Навеки останется загадкой, почему в эту минуту имя Лёни слилось у меня с образом Юзика и почему я покраснел так, что у меня щеки запылали, а на лбу выступил пот.

— Ты что же… не хочешь с нами играть? — с удивлением спросила сестра. — На пасху тут был один ученик третьего класса, так он вовсе не важничал, как ты. Целыми днями с нами бегал.

И снова во мне вспыхнула беспричинная ненависть — на этот раз к третьекласснику, которого я никогда не видел. Наконец я ответил Зосе брюзгливым тоном, хотя в душе отнюдь не питал к ней обиды:

— Не знаю я никакой Лёни.

— Как не знаешь? Разве ты не помнишь, как из-за нее тебя побила та гувернантка? А ты забыл, как плакала и просила Лёня, чтобы тебя не наказывали, когда сгорел этот… хлев?

Конечно, я все отлично помнил и особенно Лёню; но, должен признаться, памятливость сестры меня рассердила. Я счел чуть ли не позорящим честь моего мундира, что в деревне, да еще у каких-то девочек-подростков может оказаться такая хорошая память.

Под влиянием этих чувств я ответил, как грубиян:

— Ах! Отстань ты от меня… вместе со своей Лёней!.. — И я ушел в глубь парка, крайне недовольный и неуместными воспоминаниями сестры, и тем, что отказался играть с девочками.

Впрочем, я и сам не знал, чего мне хотелось, но меня взяло такое зло, что, когда мы встретились с Зосей дома, я не пожелал с ней разговаривать.

Сестра расстроилась и старалась не попадаться мне на глаза, но тогда я стал ее искать, чувствуя, что мне чего-то не хватает и что, отказавшись играть с девочками, я совершил большую ошибку. Я решил поправить дело, и, когда огорченная Зося принялась за штопку, схватил первую попавшуюся книжку, с минуту полистал ее и, бросив на стол, проговорил, как бы думая вслух:



— Все девочки глупы!..

Я полагал, что афоризм этот будет необычайно глубокомыслен. Но, едва договорив, понял всю его нелепость. Мне стало стыдно и жалко сестру… Уже ничего не говоря, я расцеловал Зосю в обе щеки и ушел в лес.

Боже! Как я в этот день был несчастен… А ведь это было только начало моих страданий.

Я не хочу ничего скрывать. Всю ночь мне снилась Лёня, и с тех пор вместо бедного горбунка ее образ являлся мне в грезах. Мне казалось, что одна она может быть тем другом, в котором я давно нуждался. В мечтах я говорил с ней так долго и красиво, как пишут в романах, и при этом был вежлив, как некий маркграф. А в действительности меня не хватало даже на то, чтобы пойти в парк, когда там играли девочки, и я слушал их веселый смех, перемежающийся замечаниями гувернантки, стоя за забором.

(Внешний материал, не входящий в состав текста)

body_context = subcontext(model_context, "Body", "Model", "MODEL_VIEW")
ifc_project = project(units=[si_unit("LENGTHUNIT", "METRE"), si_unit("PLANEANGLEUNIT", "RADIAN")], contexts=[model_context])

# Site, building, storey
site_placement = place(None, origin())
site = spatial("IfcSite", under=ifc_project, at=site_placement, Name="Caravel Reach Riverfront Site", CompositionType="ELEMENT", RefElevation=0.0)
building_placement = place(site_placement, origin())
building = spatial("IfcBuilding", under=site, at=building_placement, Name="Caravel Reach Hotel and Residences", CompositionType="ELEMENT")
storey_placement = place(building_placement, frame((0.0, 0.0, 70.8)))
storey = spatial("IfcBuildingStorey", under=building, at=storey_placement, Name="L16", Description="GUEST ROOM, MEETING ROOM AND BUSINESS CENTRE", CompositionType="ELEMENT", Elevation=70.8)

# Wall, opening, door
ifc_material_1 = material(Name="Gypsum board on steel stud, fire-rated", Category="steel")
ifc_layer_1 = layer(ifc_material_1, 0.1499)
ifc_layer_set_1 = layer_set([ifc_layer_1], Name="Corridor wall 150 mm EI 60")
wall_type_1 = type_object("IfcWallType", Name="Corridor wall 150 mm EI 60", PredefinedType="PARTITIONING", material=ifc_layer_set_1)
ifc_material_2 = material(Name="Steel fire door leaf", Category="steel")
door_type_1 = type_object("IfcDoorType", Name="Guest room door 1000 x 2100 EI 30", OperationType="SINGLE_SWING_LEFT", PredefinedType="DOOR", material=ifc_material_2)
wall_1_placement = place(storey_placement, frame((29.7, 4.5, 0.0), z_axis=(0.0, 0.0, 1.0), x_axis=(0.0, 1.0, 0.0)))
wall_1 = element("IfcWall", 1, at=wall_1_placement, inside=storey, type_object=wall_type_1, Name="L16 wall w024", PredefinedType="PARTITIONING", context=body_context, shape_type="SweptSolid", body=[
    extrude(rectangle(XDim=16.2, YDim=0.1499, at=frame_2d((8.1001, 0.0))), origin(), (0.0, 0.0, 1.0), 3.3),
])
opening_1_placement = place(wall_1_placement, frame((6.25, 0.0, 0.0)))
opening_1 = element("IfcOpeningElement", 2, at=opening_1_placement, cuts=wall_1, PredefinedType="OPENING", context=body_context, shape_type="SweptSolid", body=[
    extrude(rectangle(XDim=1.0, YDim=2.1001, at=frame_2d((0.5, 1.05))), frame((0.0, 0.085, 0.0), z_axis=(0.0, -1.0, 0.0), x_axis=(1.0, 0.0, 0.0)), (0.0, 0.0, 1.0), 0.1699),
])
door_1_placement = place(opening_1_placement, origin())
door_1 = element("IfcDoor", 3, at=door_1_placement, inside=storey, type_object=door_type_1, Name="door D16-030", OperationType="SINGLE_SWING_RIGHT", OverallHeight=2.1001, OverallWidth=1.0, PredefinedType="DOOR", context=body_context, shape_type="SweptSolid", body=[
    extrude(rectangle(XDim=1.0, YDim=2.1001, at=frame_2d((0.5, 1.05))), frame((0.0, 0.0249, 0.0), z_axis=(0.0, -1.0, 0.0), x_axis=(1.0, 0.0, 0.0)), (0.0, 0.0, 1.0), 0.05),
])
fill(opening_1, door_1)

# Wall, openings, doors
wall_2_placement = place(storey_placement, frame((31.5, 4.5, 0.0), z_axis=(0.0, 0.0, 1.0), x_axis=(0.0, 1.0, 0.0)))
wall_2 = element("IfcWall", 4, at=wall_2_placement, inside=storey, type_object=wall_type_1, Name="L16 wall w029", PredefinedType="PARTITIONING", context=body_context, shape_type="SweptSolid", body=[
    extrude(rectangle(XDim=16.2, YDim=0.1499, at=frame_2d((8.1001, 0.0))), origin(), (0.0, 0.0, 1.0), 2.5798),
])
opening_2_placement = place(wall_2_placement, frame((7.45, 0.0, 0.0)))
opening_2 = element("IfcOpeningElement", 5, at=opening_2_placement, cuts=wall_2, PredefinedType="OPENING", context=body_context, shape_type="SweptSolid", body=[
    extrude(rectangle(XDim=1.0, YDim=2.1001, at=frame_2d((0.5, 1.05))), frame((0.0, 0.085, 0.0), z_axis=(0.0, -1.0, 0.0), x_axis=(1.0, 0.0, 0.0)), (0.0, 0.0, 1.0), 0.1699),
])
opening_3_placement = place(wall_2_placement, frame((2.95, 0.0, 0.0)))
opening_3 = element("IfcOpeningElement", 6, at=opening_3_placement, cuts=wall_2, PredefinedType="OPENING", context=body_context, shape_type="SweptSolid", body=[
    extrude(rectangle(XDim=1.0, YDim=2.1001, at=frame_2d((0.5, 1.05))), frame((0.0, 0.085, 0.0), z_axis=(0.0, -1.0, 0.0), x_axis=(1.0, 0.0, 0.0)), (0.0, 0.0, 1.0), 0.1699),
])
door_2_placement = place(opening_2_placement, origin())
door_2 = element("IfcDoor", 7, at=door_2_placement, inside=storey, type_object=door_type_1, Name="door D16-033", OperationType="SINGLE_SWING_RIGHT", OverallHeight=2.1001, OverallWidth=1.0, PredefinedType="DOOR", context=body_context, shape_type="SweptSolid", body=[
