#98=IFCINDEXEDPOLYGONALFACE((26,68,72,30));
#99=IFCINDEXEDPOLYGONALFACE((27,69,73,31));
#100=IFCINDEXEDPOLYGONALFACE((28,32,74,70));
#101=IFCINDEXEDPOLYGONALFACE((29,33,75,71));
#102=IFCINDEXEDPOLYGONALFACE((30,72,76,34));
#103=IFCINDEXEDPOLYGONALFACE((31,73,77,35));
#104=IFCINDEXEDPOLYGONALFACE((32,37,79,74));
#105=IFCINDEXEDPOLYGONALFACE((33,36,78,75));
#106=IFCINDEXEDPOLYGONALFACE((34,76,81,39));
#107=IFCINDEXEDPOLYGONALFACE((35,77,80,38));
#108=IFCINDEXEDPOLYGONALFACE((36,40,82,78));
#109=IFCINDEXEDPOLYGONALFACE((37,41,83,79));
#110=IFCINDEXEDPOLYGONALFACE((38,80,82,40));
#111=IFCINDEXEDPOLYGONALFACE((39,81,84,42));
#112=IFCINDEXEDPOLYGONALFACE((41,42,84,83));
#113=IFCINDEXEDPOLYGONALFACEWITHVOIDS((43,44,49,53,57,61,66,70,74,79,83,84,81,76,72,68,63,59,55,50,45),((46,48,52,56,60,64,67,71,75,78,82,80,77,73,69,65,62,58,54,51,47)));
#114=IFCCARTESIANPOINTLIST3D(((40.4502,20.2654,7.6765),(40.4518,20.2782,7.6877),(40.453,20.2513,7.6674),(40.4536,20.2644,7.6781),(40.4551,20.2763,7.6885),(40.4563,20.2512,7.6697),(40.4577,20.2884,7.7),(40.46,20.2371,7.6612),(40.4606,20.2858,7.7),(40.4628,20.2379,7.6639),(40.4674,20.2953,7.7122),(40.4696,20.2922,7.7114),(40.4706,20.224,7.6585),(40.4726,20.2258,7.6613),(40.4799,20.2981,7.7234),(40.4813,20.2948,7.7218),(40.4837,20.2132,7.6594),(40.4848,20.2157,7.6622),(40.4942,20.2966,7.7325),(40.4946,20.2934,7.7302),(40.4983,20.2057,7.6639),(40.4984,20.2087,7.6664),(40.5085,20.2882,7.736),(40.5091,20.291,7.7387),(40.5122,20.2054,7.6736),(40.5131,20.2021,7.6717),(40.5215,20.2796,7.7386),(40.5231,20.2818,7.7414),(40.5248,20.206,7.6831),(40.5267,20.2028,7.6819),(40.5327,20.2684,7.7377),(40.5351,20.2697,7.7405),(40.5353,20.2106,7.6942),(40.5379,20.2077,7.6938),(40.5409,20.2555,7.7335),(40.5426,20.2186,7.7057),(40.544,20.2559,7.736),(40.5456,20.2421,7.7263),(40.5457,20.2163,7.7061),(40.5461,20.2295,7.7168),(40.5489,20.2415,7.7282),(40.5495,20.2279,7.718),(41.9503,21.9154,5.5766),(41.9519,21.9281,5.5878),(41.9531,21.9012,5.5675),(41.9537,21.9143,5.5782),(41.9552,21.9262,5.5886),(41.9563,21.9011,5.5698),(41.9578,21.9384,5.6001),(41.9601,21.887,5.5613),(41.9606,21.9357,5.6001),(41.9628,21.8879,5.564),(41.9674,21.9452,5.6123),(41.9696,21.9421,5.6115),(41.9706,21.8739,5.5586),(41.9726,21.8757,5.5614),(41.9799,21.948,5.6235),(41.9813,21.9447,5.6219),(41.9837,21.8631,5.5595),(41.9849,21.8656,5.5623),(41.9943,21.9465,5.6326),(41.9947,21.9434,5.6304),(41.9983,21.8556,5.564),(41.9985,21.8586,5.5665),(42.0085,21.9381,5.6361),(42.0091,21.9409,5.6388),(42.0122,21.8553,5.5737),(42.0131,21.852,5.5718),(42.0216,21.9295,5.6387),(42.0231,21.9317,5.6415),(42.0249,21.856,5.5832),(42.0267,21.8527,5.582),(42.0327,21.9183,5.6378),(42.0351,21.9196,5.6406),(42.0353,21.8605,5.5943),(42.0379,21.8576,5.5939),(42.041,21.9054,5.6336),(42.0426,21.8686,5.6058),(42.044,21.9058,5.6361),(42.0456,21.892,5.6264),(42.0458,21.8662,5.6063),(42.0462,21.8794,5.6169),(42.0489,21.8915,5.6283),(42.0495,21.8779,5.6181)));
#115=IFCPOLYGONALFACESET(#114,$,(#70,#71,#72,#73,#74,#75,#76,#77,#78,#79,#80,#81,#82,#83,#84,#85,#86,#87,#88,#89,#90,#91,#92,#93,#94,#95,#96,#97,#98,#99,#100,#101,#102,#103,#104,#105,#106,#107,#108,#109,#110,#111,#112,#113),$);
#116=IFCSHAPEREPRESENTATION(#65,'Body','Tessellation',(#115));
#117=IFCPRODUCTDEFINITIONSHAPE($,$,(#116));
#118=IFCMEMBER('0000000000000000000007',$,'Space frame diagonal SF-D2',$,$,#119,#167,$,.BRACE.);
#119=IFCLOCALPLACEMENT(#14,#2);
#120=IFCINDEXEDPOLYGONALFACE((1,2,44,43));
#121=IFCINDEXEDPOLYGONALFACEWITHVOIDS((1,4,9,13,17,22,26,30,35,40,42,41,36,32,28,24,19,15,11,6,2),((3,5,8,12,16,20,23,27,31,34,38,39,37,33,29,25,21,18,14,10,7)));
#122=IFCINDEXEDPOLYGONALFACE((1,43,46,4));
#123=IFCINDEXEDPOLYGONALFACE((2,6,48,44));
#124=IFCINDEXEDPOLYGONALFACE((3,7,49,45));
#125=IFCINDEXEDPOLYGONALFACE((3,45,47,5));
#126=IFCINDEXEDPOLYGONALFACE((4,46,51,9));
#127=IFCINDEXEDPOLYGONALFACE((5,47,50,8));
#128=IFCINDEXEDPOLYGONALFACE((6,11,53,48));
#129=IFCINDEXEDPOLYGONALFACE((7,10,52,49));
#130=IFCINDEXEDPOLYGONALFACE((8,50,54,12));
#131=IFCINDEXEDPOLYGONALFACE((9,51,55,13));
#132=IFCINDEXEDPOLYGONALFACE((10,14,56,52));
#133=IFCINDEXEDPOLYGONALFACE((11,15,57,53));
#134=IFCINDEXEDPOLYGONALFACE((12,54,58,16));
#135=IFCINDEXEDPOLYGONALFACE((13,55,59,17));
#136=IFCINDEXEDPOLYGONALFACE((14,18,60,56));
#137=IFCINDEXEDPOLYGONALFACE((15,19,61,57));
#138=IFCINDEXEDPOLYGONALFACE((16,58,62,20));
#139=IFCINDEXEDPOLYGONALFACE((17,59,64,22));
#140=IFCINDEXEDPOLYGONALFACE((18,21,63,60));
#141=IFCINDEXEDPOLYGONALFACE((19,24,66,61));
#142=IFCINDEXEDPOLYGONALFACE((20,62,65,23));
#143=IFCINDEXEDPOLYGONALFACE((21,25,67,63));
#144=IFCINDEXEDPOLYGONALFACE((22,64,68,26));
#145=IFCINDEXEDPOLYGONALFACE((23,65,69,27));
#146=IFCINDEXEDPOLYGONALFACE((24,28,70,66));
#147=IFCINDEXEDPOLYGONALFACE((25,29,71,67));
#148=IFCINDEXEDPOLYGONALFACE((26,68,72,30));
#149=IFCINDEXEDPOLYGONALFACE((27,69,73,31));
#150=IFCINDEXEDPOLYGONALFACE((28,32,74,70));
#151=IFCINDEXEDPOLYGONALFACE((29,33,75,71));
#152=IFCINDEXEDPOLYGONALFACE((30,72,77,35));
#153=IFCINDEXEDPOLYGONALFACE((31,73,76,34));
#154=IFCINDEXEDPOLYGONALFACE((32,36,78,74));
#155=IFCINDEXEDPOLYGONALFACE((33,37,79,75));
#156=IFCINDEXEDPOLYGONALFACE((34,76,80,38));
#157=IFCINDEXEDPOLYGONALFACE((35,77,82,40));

Поныне еще я помню это место: туда выбрасывали мусор из господского дома, росли крапива и лопух. Я подолгу простаивал там, чтобы услышать невнятные обрывки фраз или стук башмачков по дорожкам и увидеть мелькающее платье Лёни, когда она скакала через веревочку.

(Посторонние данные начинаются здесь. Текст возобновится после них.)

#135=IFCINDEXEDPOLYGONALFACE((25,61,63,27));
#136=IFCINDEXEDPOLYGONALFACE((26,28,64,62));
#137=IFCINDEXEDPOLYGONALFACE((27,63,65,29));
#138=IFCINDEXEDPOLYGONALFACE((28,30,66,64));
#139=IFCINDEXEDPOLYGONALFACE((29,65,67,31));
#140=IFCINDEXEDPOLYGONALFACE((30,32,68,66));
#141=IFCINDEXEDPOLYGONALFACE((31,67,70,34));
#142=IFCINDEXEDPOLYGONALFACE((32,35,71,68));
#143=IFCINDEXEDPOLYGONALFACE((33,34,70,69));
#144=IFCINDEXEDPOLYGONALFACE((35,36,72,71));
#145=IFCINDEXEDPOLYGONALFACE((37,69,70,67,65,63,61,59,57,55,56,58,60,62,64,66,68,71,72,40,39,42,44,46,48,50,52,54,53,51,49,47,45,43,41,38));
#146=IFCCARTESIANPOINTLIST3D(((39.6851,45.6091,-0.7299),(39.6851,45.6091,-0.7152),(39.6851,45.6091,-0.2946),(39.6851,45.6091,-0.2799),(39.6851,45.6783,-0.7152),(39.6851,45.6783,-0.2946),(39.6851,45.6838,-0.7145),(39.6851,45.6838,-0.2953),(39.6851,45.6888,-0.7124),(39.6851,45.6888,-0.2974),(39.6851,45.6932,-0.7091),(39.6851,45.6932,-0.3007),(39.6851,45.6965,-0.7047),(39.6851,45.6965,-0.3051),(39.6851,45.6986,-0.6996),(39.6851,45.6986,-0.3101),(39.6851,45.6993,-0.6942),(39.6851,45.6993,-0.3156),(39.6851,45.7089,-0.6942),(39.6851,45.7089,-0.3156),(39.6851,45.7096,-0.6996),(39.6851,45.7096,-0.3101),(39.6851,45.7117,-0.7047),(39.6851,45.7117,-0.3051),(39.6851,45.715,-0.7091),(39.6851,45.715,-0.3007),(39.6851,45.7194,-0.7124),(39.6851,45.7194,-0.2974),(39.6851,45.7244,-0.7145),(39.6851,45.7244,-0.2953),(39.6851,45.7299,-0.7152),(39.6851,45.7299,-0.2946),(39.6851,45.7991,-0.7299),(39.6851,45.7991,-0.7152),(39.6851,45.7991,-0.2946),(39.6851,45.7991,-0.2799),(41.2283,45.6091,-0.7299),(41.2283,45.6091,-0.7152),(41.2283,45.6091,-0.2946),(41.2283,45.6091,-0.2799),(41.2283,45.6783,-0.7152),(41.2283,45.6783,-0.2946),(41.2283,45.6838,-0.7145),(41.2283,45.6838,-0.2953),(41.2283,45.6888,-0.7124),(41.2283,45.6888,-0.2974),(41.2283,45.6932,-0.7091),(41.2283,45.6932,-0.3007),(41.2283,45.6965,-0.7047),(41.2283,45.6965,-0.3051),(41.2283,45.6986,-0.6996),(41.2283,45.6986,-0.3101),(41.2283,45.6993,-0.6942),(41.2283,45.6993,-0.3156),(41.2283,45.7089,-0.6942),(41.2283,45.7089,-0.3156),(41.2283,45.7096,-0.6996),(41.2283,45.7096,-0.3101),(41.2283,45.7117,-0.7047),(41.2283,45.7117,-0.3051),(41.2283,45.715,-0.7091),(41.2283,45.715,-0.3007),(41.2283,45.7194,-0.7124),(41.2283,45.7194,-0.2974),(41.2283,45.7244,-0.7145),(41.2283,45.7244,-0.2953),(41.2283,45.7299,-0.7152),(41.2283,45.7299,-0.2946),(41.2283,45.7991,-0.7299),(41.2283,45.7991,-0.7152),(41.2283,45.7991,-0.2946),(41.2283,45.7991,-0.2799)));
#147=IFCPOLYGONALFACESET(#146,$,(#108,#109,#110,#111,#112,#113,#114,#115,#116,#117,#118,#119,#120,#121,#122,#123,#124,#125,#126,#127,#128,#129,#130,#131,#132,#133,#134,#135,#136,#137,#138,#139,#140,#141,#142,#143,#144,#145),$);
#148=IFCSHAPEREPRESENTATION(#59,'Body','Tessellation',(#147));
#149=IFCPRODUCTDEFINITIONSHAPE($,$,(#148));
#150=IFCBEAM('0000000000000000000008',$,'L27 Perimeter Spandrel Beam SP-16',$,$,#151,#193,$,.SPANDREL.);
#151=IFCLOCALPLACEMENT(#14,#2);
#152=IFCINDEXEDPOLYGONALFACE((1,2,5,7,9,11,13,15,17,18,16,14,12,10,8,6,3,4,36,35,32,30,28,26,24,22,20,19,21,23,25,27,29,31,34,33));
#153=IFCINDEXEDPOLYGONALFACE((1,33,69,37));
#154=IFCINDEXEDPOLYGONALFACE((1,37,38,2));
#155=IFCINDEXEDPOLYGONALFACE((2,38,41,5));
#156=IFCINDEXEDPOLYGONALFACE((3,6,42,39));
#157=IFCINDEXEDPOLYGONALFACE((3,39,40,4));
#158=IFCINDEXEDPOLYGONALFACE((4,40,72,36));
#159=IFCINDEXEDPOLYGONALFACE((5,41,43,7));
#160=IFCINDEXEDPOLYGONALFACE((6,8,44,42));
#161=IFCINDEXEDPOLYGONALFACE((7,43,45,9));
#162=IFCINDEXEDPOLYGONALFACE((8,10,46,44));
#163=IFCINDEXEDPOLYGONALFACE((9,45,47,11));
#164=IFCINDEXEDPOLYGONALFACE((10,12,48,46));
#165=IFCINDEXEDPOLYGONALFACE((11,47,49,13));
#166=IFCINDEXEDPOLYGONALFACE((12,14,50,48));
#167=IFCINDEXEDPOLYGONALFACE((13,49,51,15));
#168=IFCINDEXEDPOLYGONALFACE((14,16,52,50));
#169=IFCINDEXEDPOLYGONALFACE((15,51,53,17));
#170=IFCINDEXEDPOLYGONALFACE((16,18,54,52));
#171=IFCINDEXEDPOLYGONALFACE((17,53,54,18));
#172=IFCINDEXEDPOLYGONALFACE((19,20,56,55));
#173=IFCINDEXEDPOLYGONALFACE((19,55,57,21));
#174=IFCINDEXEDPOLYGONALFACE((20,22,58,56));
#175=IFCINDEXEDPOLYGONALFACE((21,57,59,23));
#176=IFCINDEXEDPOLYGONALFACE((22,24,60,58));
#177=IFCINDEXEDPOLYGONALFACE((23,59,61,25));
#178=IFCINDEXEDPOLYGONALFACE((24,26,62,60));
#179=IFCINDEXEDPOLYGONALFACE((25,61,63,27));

Минута — и все в парке смолкало; тогда я ощущал палящие лучи солнца и слышал нескончаемое жужжание мух, кружившихся над свалкой. Потом снова раздавался смех и топот ножек, сквозь щель в заборе мелькали платья, а потом снова наступал зной, шелестели деревья, щебетали птицы и назойливые мухи лезли мне чуть не в рот.

Вдруг из дома доносился голос:

— Лёня!.. Зося!.. Идите в комнату…

Это гувернантка. Я бы возненавидел ее, если б не знал, что ей тоже грустно.

Как-то раз, направляясь на прогулку к забору, я заметил, что нахожусь тут не один. С пригорка я разглядел в зеленой чаще лопухов посеревшую от старости соломенную шляпу, из которой торчали белесые вихры, потому что у шляпы не было донышка.

Не успел я ступить несколько шагов, как вихры и шляпа поднялись над лопухом и показался семи— или восьмилетний мальчик в длинной грязной рубахе, завязанной у ворота шнурком. Я заговорил с ним, но мальчик шарахнулся и быстро, как заяц, убежал в поле. Красный воротник моего мундира и посеребренные пуговицы неизменно производили на деревенских ребятишек сильнейшее впечатление.

Я медленно побрел к усадьбе, и тогда мальчик снова стал пробираться к забору. Едва я скрылся за каким-то строением, он взобрался на кучу мусора и приставил глаз к той же щели, через которую я сам заглядывал в сад. Весьма сомнительно, видел ли он что-нибудь, но тем не менее упорно смотрел.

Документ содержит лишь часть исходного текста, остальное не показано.